Example using Python’s requests library:

import requests

url = "https://example.com"
headers = {
    "User-Agent": "Mozilla/5.0 (X11; Linux x86_64) AppleWebKit/537.36 (KHTML, like Gecko) Chrome/140.0.0.0 Safari/537.36"
}
response = requests.get(url, headers=headers, verify=False, timeout=10)
html_content = response.text

with open("http_scraper.html", "w") as f:
    f.write(html_content)

This worked great when the content was static and delivered directly from the server.


2. The Rise of Client-Side Rendering

As web applications grew more interactive, JavaScript-heavy websites became the norm.
Now, much of the content was loaded dynamically in the browser after the initial page load.

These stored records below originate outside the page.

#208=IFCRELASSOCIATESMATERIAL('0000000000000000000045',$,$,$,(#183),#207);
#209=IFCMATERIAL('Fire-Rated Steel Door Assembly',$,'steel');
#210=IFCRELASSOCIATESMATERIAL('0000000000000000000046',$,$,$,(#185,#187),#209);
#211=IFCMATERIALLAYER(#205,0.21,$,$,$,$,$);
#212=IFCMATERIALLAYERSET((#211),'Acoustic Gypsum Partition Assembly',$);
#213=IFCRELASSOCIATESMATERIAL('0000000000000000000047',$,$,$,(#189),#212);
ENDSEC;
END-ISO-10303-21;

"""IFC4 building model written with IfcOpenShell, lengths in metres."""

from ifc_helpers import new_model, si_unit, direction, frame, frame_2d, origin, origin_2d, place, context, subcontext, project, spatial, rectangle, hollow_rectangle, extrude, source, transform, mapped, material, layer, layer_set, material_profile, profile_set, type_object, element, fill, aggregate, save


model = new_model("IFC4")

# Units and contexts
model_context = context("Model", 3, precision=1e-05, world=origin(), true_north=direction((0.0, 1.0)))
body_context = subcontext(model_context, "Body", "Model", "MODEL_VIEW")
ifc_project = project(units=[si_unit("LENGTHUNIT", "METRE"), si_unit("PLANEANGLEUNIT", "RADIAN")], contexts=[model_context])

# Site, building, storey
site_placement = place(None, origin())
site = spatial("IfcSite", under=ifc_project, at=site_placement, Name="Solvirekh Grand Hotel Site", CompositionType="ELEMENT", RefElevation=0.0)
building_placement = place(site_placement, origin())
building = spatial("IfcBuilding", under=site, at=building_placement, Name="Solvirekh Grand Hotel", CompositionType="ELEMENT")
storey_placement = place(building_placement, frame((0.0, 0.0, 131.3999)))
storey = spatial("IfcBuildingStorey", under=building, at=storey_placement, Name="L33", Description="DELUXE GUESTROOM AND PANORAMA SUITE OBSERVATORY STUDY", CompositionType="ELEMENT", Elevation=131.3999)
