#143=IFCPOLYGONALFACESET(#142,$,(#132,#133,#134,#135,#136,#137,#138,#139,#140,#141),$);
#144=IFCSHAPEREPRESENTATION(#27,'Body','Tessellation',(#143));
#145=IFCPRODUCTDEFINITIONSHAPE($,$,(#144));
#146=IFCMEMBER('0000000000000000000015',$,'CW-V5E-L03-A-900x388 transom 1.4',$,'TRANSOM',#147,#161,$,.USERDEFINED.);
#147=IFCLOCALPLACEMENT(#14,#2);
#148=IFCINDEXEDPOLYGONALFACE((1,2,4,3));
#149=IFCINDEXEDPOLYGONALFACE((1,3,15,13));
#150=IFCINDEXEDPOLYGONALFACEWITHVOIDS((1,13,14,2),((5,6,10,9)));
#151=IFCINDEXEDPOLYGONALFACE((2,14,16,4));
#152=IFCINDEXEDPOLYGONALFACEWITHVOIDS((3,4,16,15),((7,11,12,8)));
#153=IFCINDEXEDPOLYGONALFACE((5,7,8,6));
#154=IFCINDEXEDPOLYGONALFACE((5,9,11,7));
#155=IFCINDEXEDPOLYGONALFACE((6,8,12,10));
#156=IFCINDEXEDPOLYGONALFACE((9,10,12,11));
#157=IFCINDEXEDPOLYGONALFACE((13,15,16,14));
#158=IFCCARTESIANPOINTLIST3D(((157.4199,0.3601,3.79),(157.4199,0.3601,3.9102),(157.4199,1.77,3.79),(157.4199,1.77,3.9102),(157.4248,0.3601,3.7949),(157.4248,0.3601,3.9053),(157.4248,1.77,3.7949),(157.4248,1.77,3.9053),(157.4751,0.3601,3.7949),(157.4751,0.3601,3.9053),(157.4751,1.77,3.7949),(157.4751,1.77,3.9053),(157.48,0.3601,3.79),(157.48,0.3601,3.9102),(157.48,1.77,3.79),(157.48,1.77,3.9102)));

To scrape these, we had to spin up a browser in headless mode and automate the interaction.

Example with Pyppeteer:

import asyncio
from pyppeteer import launch

async def main():
    browser = await launch({
        "executablePath": "/opt/google/chrome/google-chrome",
        "headless": True
    })
    page = await browser.newPage()
    await page.goto('https://example.com')
    await page.screenshot({'path': 'example.png'})
    await browser.close()

asyncio.run(main())

3. Driving the Browser with Chrome DevTools Protocol (CDP)

A more advanced (and fun) way of scraping is to control Chrome directly using CDP.
This allows you to send low-level commands to the browser over WebSockets.

Start Chrome with debugging enabled:

google-chrome --remote-debugging-port=9222     --no-first-run     --no-default-browser-check     --disable-default-apps     --user-data-dir=./browser-data-tmp/

Example CDP Steps

Here’s a sample sequence of scraping commands in JSON:

[
    {
        "id": 1,
        "method": "Emulation.setDeviceMetricsOverride",
        "params": {
            "width": 800,
            "height": 800,
            "deviceScaleFactor": 1,
            "mobile": false
        }
    },
    {
        "id": 2,
        "method": "Page.navigate",
        "params": { "url": "https://www.example.com" }
    },
    {
        "id": 3,
        "method": "DOM.getDocument",
        "params": { "depth": -1 }
    },
    {
        "id": 4,
        "method": "DOM.getOuterHTML",
        "params": { "nodeId": 3 }
    }
]

Putting It Together in Python

We can tie everything together with Python by launching Chrome, connecting to its debugging endpoint, and executing the steps:

import json
import requests
import subprocess
from time import sleep
from websockets.sync.client import connect

def create_browser():
    return subprocess.Popen([
        "google-chrome",
        "--remote-debugging-port=9222",
        "--no-first-run",
        "--no-default-browser-check",
        "--disable-default-apps",
        "--user-data-dir=./browser-data-tmp/",
    ])

def get_ws_endpoint():
    response = requests.get("http://localhost:9222/json/list", verify=False, timeout=10)
    for item in response.json():
        if item.get("title") == "New Tab":
            return item.get("webSocketDebuggerUrl")
    return ""

def execute(ws_url):
    with open("steps.json", "r") as f:
        steps = json.load(f)
    with connect(ws_url) as ws:
        for step in steps:
            ws.send(json.dumps(step))
            sleep(10)

def main():
    browser_instance = create_browser()
    sleep(5)
    ws_url = get_ws_endpoint()
    if ws_url:
        execute(ws_url)

main()

Final Thoughts

Web scraping has come a long way:
- From simple HTTP requests,
- To headless browsers,
- To direct browser automation with DevTools.

Each method has its trade-offs, and the right approach depends on the complexity of the site you’re scraping.